CC BY
22УДК 615.9 ББК 52.84
Е.С. Мельников,
аспирант кафедры фармацевтической и токсикологической химии Первого МГМУ им. И.М. Сеченова
М.В. Белова,
к.фарм.н., доцент кафедры фармацевтической и токсикологической химии Первого МГМУ им. И.М. Сеченова
E.S. Melnikov,
post-graduate student of the chair of pharmaceutical and toxicological chem istry of the First MSMU named after I.M. Sechenov
M.V. Belova,
PhD, associate professor of the chair of pharmaceutical and toxicological chemistry of the First MSMU named after I.M. Sechenov
РАЗРАБОТКА МЕТОДИКИ ЛАБОРАТОРНОЙ ДИАГНОСТИКИ ОСТРЫХ ОТРАВЛЕНИЙ ГИПОТЕНЗИВНЫМИ ЛЕКАРСТВЕННЫМИ СРЕДСТВАМИ
DEVELOPMENT OF A METHOD FOR LABORATORY DIAGNOSTICS OF ACUTE HYPOTENSIVE DRUGS POISONING
КОНТАКТНАЯ ИНФОРМАЦИЯ:
Мария Владимировна Белова, доцент кафедры фармацевтической и токсикологической химии
Адрес: 119019, г. Москва, ул. Никитский бульвар, д. 13
Телефон: 8 (495) 691-13-92
E-mail: [email protected]
Статья принята к печати: 28.11.2012
Аннотация. Разработана методика экспрессного определения гипотензивных лекарственных средств (атенолол, пропранолол, нифедипин, эналаприл, верапамил) в образцах мочи больных с острыми отравлениями. Подобраны условия для групповой идентификации гипотензивных лекарственных средств методом ТСХ. Анализ с помощью ГХ-МС позволяет обнаружить как нативные вещества, так и их метаболиты. Разработанная методика анализа гипотензивных лекарственных веществ может быть использована для диагностики острых отравлений ими.

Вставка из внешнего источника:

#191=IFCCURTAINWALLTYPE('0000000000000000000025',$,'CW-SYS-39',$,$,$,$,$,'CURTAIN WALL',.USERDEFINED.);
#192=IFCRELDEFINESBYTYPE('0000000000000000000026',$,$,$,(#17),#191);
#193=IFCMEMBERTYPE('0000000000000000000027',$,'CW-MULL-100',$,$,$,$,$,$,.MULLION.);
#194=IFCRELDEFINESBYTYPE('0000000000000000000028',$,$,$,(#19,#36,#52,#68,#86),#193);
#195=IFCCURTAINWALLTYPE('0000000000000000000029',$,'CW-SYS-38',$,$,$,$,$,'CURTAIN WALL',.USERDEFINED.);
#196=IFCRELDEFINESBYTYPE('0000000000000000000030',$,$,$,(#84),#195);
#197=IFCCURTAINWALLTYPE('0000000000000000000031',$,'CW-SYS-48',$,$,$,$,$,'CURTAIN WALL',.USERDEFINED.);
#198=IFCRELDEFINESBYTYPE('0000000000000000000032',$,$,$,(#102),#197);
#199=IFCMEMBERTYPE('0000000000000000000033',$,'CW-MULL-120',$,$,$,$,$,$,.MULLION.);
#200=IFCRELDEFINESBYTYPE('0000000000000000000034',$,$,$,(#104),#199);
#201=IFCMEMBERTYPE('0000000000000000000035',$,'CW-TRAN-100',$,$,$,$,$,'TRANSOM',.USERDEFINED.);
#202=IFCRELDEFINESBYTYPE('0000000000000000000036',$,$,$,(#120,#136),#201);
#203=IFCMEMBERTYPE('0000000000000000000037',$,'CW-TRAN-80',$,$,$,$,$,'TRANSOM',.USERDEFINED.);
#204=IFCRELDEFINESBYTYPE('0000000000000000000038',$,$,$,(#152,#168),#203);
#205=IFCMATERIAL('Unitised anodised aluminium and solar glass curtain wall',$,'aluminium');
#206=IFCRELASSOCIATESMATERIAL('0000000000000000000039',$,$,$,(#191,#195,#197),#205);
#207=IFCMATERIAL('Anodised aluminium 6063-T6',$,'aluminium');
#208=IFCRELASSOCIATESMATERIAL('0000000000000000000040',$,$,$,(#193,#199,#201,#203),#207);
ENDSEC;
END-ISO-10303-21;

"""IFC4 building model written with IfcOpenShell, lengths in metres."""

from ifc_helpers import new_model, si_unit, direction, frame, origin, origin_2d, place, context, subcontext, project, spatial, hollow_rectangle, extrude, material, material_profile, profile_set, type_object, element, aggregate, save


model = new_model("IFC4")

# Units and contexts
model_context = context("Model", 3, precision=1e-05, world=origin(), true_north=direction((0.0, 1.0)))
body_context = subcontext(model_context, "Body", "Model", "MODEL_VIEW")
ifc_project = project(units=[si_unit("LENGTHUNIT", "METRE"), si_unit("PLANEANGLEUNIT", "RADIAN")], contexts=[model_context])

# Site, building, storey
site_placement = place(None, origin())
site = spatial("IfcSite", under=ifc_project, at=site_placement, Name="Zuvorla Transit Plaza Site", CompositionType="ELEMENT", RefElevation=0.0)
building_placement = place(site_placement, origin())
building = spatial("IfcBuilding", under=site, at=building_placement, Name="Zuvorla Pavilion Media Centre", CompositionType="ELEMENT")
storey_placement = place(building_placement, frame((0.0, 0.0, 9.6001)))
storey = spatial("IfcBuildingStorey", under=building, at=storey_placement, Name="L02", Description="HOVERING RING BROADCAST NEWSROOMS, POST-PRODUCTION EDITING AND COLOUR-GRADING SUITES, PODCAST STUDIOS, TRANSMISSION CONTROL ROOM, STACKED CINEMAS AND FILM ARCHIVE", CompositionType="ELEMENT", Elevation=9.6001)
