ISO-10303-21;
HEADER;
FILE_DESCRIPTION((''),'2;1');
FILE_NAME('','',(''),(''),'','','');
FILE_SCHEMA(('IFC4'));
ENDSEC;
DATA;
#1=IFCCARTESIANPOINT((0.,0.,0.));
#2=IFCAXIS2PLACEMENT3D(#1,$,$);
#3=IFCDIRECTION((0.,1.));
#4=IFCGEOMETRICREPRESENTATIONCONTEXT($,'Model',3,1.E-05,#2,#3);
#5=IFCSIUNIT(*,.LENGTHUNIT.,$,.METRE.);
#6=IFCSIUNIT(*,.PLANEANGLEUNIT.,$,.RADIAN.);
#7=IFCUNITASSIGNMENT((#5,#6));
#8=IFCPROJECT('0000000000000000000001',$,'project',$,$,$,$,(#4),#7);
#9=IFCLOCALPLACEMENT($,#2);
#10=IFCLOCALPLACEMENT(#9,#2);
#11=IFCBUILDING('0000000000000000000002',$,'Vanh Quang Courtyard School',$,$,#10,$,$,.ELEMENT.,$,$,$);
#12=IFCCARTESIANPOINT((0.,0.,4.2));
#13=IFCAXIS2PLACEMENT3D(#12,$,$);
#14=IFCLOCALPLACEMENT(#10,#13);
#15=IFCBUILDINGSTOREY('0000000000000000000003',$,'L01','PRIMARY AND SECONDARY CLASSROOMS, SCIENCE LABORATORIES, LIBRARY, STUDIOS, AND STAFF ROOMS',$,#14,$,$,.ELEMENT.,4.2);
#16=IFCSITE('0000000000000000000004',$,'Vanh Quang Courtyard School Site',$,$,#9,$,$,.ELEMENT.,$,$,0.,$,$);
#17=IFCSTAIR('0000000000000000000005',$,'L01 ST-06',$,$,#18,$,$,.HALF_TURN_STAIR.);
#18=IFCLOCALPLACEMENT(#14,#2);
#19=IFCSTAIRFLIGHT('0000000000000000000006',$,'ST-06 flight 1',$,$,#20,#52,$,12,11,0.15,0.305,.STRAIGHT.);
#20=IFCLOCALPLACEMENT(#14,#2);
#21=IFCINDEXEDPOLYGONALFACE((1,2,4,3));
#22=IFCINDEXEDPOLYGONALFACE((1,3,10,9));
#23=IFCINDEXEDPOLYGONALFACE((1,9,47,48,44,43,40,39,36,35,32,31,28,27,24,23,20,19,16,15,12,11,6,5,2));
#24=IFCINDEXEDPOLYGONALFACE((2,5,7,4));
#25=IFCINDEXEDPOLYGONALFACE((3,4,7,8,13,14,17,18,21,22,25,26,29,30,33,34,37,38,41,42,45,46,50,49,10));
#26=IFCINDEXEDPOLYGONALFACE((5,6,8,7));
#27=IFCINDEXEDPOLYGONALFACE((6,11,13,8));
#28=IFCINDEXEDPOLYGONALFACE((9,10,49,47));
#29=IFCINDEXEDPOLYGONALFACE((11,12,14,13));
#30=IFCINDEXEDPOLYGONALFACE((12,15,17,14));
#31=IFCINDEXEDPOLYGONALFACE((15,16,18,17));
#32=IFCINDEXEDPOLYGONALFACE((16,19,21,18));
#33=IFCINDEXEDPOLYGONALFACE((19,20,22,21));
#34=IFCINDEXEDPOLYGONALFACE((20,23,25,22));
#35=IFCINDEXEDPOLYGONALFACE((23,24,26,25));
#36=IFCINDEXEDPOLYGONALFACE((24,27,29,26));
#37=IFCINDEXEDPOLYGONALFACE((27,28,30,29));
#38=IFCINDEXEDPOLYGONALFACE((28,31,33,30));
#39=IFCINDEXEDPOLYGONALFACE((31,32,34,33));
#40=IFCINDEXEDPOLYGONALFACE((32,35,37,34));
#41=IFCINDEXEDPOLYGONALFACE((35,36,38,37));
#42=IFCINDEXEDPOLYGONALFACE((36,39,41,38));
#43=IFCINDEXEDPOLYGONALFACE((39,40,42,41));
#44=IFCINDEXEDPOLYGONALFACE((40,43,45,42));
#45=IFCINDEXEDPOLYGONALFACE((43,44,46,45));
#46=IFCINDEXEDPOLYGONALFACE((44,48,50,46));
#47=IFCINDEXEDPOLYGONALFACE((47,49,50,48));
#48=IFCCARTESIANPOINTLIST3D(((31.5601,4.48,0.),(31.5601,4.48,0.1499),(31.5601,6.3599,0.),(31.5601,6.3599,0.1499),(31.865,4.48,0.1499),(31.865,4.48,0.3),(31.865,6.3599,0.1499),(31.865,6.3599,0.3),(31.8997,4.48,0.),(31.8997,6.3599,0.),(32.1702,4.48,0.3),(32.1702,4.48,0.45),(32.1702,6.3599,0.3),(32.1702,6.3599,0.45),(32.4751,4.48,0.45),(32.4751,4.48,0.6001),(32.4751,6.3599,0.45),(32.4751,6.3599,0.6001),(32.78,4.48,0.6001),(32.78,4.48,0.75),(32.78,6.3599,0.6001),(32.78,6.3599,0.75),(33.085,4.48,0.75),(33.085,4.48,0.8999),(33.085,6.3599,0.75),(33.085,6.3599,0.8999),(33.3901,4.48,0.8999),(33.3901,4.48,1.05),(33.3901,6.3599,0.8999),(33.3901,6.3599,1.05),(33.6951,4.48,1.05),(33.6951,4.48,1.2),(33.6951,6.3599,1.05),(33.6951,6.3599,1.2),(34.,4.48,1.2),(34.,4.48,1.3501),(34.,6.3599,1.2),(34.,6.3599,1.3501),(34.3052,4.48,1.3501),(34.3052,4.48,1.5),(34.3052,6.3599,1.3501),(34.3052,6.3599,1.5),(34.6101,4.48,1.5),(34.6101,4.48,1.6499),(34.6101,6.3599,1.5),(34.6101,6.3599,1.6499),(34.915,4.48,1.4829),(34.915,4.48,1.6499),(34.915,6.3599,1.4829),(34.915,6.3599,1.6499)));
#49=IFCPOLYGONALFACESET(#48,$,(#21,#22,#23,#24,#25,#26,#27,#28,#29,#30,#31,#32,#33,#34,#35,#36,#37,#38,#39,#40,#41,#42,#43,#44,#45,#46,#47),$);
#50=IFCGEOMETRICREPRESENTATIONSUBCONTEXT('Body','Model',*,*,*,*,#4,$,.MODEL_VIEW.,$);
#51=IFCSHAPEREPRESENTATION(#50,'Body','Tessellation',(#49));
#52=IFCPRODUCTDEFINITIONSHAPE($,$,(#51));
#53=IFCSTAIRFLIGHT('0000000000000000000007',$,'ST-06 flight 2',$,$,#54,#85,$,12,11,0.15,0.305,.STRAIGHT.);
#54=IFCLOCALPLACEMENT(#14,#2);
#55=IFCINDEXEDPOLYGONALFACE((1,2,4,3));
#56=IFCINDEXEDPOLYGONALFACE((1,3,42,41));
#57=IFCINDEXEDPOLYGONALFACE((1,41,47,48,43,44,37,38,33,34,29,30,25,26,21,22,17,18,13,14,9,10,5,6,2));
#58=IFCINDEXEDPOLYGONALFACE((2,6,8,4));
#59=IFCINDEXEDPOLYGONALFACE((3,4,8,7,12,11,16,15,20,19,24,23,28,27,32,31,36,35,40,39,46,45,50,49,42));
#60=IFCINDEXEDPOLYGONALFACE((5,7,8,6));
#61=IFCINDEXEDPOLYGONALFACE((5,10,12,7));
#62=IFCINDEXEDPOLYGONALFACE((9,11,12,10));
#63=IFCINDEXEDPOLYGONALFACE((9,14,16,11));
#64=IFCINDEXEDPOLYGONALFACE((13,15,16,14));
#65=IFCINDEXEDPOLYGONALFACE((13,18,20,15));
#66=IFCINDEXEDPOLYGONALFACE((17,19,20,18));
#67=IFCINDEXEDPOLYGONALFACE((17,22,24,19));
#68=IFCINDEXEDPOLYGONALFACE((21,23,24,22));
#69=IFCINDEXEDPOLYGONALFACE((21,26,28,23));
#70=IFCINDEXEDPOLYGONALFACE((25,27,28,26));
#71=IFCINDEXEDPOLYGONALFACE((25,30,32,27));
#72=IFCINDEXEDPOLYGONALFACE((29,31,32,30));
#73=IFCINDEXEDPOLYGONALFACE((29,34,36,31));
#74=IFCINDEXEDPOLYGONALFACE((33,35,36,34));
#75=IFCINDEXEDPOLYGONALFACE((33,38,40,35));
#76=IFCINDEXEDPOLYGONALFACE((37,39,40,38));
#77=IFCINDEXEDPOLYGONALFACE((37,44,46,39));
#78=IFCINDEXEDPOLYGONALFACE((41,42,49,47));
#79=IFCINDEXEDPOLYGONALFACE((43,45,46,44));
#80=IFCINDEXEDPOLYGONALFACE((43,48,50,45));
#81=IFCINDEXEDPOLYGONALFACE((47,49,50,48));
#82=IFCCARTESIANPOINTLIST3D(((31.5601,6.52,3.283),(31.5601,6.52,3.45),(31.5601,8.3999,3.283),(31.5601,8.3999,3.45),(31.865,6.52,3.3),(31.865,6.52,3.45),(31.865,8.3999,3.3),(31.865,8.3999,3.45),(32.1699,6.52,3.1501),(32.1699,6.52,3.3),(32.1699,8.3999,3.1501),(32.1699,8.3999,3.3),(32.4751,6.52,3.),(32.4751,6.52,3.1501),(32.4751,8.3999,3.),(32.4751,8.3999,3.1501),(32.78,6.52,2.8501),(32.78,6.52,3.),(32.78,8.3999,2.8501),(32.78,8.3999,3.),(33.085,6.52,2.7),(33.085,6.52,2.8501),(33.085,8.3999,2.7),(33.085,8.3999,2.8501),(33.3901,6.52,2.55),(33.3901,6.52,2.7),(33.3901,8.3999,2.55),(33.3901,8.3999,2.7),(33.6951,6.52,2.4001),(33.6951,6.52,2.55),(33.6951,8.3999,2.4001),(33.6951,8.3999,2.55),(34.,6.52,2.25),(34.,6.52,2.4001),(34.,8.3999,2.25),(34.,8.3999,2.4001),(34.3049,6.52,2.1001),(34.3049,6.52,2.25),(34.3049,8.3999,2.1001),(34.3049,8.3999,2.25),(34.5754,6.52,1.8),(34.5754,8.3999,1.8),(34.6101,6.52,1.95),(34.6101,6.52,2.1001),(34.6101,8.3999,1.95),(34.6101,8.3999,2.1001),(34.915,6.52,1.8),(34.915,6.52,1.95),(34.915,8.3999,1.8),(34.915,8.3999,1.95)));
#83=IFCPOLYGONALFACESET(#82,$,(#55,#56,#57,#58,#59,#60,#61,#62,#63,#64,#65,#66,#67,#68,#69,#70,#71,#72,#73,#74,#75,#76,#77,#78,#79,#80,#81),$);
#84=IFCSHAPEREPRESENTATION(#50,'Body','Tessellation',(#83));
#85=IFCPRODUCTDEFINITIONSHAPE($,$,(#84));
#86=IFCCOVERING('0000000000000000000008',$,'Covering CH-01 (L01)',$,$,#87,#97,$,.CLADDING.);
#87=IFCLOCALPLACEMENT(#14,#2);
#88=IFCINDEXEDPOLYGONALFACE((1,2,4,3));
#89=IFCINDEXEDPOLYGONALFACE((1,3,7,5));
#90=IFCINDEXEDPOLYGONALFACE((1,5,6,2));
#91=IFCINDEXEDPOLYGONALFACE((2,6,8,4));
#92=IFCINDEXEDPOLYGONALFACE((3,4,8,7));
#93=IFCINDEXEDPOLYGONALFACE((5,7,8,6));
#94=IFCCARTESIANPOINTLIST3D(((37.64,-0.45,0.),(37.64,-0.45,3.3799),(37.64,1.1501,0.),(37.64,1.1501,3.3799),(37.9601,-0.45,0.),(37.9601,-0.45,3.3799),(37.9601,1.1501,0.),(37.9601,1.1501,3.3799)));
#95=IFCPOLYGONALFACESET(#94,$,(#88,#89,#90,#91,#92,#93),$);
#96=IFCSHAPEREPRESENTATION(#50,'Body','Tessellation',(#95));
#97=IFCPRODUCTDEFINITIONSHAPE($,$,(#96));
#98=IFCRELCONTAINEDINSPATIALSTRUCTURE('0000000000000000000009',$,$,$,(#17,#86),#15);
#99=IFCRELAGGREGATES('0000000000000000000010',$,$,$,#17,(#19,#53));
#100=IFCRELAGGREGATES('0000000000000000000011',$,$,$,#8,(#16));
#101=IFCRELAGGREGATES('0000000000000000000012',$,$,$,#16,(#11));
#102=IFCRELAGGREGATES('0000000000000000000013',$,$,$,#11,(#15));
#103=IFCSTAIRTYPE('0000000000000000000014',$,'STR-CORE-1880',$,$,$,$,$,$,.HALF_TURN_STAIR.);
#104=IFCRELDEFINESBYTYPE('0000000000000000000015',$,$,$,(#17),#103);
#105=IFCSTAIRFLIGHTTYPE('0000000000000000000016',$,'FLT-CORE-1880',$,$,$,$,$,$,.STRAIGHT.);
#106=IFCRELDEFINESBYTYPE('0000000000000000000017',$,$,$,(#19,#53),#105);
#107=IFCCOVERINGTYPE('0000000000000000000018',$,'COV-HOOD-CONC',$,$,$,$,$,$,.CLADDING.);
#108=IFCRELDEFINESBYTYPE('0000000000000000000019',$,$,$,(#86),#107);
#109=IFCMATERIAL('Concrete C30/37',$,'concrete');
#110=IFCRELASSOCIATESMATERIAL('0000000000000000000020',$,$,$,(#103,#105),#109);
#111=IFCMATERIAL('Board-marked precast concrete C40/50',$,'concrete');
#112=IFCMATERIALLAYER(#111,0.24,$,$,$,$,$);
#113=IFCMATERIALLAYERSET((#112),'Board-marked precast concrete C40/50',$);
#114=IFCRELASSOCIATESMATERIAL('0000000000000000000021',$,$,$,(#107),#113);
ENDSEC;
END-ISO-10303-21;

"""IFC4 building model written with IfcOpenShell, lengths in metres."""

from ifc_helpers import new_model, si_unit, direction, frame, origin, origin_2d, place, context, subcontext, project, spatial, polyline, rectangle, outline, extrude, material, layer, layer_set, type_object, element, aggregate, save


model = new_model("IFC4")

# Units and contexts
model_context = context("Model", 3, precision=1e-05, world=origin(), true_north=direction((0.0, 1.0)))
body_context = subcontext(model_context, "Body", "Model", "MODEL_VIEW")
ifc_project = project(units=[si_unit("LENGTHUNIT", "METRE"), si_unit("PLANEANGLEUNIT", "RADIAN")], contexts=[model_context])

# Site, building, storey
site_placement = place(None, origin())
site = spatial("IfcSite", under=ifc_project, at=site_placement, Name="Vanh Quang Courtyard School Site", CompositionType="ELEMENT", RefElevation=0.0)
building_placement = place(site_placement, origin())
building = spatial("IfcBuilding", under=site, at=building_placement, Name="Vanh Quang Courtyard School", CompositionType="ELEMENT")
storey_placement = place(building_placement, frame((0.0, 0.0, 4.2)))
storey = spatial("IfcBuildingStorey", under=building, at=storey_placement, Name="L01", Description="PRIMARY AND SECONDARY CLASSROOMS, SCIENCE LABORATORIES, LIBRARY, STUDIOS, AND STAFF ROOMS", CompositionType="ELEMENT", Elevation=4.2)

# Stair, stair flights
ifc_material_1 = material(Name="Concrete C30/37", Category="concrete")
stair_type = type_object("IfcStairType", Name="STR-CORE-1880", PredefinedType="HALF_TURN_STAIR", material=ifc_material_1)
stair_placement = place(storey_placement, origin())
stair = element("IfcStair", 1, at=stair_placement, inside=storey, type_object=stair_type, Name="L01 ST-06", PredefinedType="HALF_TURN_STAIR")
stair_flight_type = type_object("IfcStairFlightType", Name="FLT-CORE-1880", PredefinedType="STRAIGHT", material=ifc_material_1)
stair_flight_1_placement = place(storey_placement, frame((31.5601, 5.4199, 0.0), z_axis=(0.0, 0.0, 1.0), x_axis=(1.0, 0.0, 0.0)))
stair_flight_1 = element("IfcStairFlight", 2, at=stair_flight_1_placement, type_object=stair_flight_type, Name="ST-06 flight 1", NumberOfRisers=12, NumberOfTreads=11, PredefinedType="STRAIGHT", RiserHeight=0.15, TreadLength=0.305, context=body_context, shape_type="SweptSolid", body=[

Annotation. The method of express detection of hypotensive drugs (atenolol, propranolol, nifedipine, enalaprile and verapamil) in urine samples of patients with acute poisonings was developed. The optimum conditions of group identification of hypotensive drugs using TLC were found. Analysis by GC-MS allows to detect both the native substances and their metabolites. The developed method of analysis of antihypertensive drugs can be used for the diagnosis of acute poisoning.

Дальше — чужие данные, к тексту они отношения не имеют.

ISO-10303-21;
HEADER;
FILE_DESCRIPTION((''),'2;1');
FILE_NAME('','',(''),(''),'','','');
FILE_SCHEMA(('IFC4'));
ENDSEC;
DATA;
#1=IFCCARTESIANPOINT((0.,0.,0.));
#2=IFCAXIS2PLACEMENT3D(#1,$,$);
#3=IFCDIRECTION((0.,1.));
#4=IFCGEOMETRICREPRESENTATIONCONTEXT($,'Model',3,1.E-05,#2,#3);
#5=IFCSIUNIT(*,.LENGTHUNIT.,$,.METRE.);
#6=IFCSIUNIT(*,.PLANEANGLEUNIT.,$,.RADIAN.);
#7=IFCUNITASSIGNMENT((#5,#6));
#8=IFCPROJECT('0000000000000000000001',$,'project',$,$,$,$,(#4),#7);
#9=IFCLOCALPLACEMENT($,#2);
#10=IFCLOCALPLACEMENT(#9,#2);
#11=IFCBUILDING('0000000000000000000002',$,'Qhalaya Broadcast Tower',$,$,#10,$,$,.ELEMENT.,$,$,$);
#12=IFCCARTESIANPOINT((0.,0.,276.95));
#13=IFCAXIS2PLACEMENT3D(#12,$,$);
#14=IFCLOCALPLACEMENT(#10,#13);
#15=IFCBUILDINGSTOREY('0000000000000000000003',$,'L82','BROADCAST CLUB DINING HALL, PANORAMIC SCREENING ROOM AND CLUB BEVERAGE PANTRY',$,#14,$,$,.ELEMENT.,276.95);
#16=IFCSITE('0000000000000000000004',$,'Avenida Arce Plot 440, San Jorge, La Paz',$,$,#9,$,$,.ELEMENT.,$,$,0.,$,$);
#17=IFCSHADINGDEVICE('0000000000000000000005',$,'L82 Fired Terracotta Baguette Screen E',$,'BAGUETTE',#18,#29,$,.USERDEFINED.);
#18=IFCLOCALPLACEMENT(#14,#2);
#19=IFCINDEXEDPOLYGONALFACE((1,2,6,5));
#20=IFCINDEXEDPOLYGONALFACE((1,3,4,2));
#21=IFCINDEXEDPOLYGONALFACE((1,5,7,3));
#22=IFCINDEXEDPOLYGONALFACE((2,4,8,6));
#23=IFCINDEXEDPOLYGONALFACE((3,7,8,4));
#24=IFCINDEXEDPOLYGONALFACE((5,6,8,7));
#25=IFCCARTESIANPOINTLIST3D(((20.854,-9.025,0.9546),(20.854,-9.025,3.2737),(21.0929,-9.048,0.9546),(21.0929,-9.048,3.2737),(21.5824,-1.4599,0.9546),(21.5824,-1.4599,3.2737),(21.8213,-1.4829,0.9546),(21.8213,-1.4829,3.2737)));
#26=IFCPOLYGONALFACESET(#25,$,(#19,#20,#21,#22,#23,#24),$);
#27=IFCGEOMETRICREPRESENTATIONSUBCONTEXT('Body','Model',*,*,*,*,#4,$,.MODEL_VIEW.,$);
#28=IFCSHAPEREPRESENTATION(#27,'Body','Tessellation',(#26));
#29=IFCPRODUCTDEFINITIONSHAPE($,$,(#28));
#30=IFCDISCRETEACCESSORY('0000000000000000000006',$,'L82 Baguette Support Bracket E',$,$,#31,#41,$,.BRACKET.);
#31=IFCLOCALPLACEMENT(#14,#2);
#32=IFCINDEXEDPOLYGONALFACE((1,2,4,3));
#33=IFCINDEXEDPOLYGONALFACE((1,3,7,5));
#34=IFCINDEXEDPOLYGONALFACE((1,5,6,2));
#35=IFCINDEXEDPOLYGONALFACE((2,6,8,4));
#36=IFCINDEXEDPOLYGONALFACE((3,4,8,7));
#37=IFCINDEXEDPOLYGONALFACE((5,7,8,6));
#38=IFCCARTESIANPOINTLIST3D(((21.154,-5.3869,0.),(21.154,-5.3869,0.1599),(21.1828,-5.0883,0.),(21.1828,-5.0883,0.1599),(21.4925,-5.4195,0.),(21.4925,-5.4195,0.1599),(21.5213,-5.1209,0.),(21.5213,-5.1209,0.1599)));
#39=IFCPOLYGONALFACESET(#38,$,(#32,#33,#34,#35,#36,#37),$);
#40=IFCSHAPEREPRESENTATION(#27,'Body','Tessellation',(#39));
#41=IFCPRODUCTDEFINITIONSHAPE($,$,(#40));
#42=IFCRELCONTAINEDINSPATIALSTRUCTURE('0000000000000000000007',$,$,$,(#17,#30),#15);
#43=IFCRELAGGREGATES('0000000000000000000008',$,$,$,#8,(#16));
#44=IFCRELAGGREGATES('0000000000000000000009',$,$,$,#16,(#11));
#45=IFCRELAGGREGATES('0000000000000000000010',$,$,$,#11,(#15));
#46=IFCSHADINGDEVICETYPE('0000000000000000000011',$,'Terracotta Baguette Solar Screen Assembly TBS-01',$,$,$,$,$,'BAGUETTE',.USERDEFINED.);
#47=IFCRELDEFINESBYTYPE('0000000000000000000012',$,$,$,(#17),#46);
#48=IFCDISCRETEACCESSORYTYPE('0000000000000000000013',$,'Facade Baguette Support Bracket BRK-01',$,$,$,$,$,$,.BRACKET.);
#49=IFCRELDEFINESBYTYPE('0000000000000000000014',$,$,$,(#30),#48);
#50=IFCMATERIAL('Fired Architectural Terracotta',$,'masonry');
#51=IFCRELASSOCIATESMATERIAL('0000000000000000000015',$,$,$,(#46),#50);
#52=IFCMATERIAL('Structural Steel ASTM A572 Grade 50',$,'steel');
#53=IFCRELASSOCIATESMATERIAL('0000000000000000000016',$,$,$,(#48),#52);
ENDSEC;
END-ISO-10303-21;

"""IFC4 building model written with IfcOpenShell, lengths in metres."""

from ifc_helpers import new_model, si_unit, direction, frame, origin, origin_2d, place, context, subcontext, project, spatial, rectangle, extrude, material, type_object, element, save


model = new_model("IFC4")

# Units and contexts
model_context = context("Model", 3, precision=1e-05, world=origin(), true_north=direction((0.0, 1.0)))
body_context = subcontext(model_context, "Body", "Model", "MODEL_VIEW")
ifc_project = project(units=[si_unit("LENGTHUNIT", "METRE"), si_unit("PLANEANGLEUNIT", "RADIAN")], contexts=[model_context])

# Site, building, storey
site_placement = place(None, origin())
site = spatial("IfcSite", under=ifc_project, at=site_placement, Name="Avenida Arce Plot 440, San Jorge, La Paz", CompositionType="ELEMENT", RefElevation=0.0)
building_placement = place(site_placement, origin())
building = spatial("IfcBuilding", under=site, at=building_placement, Name="Qhalaya Broadcast Tower", CompositionType="ELEMENT")
storey_placement = place(building_placement, frame((0.0, 0.0, 276.95)))
storey = spatial("IfcBuildingStorey", under=building, at=storey_placement, Name="L82", Description="BROADCAST CLUB DINING HALL, PANORAMIC SCREENING ROOM AND CLUB BEVERAGE PANTRY", CompositionType="ELEMENT", Elevation=276.95)

# Shared definitions
ifc_material_1 = material(Name="Structural Steel ASTM A572 Grade 50", Category="steel")

# Shading device
ifc_material_2 = material(Name="Fired Architectural Terracotta", Category="masonry")
shading_device_type = type_object("IfcShadingDeviceType", Name="Terracotta Baguette Solar Screen Assembly TBS-01", ElementType="BAGUETTE", PredefinedType="USERDEFINED", material=ifc_material_2)
shading_device_placement = place(storey_placement, frame((21.3376, -5.2539, 0.9546), z_axis=(0.0, 0.0, 1.0), x_axis=(0.095846, 0.995396, 0.0)))
element("IfcShadingDevice", 1, at=shading_device_placement, inside=storey, type_object=shading_device_type, Name="L82 Fired Terracotta Baguette Screen E", ObjectType="BAGUETTE", PredefinedType="USERDEFINED", context=body_context, shape_type="SweptSolid", body=[
    extrude(rectangle(XDim=7.6001, YDim=0.24, at=origin_2d()), origin(), (0.0, 0.0, 1.0), 2.3191),
])

# Discrete accessory
discrete_accessory_type = type_object("IfcDiscreteAccessoryType", Name="Facade Baguette Support Bracket BRK-01", PredefinedType="BRACKET", material=ifc_material_1)
discrete_accessory_placement = place(storey_placement, frame((21.3376, -5.2539, 0.0), z_axis=(0.0, 0.0, 1.0), x_axis=(0.095846, 0.995396, 0.0)))
element("IfcDiscreteAccessory", 2, at=discrete_accessory_placement, inside=storey, type_object=discrete_accessory_type, Name="L82 Baguette Support Bracket E", PredefinedType="BRACKET", context=body_context, shape_type="SweptSolid", body=[
    extrude(rectangle(XDim=0.3, YDim=0.3401, at=origin_2d()), origin(), (0.0, 0.0, 1.0), 0.1599),
])

save(model, "model.ifc")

Ключевые слова. Лекарственные средства, острые отравления, лабораторная диагностика. Key words. Drugs, acute poisoning, laboratory diagnostics.
ВВЕДЕНИЕ
По статистике отравления гипотензивными препаратами составляют 5% от всех острых отравлений и 11% от отравлений лекарственными средствами [1]. При этом наибольшее токсикологическое значение имеют атенолол, пропранолол, бисопролол, метопролол, нифедипин, эналаприл и верапамил.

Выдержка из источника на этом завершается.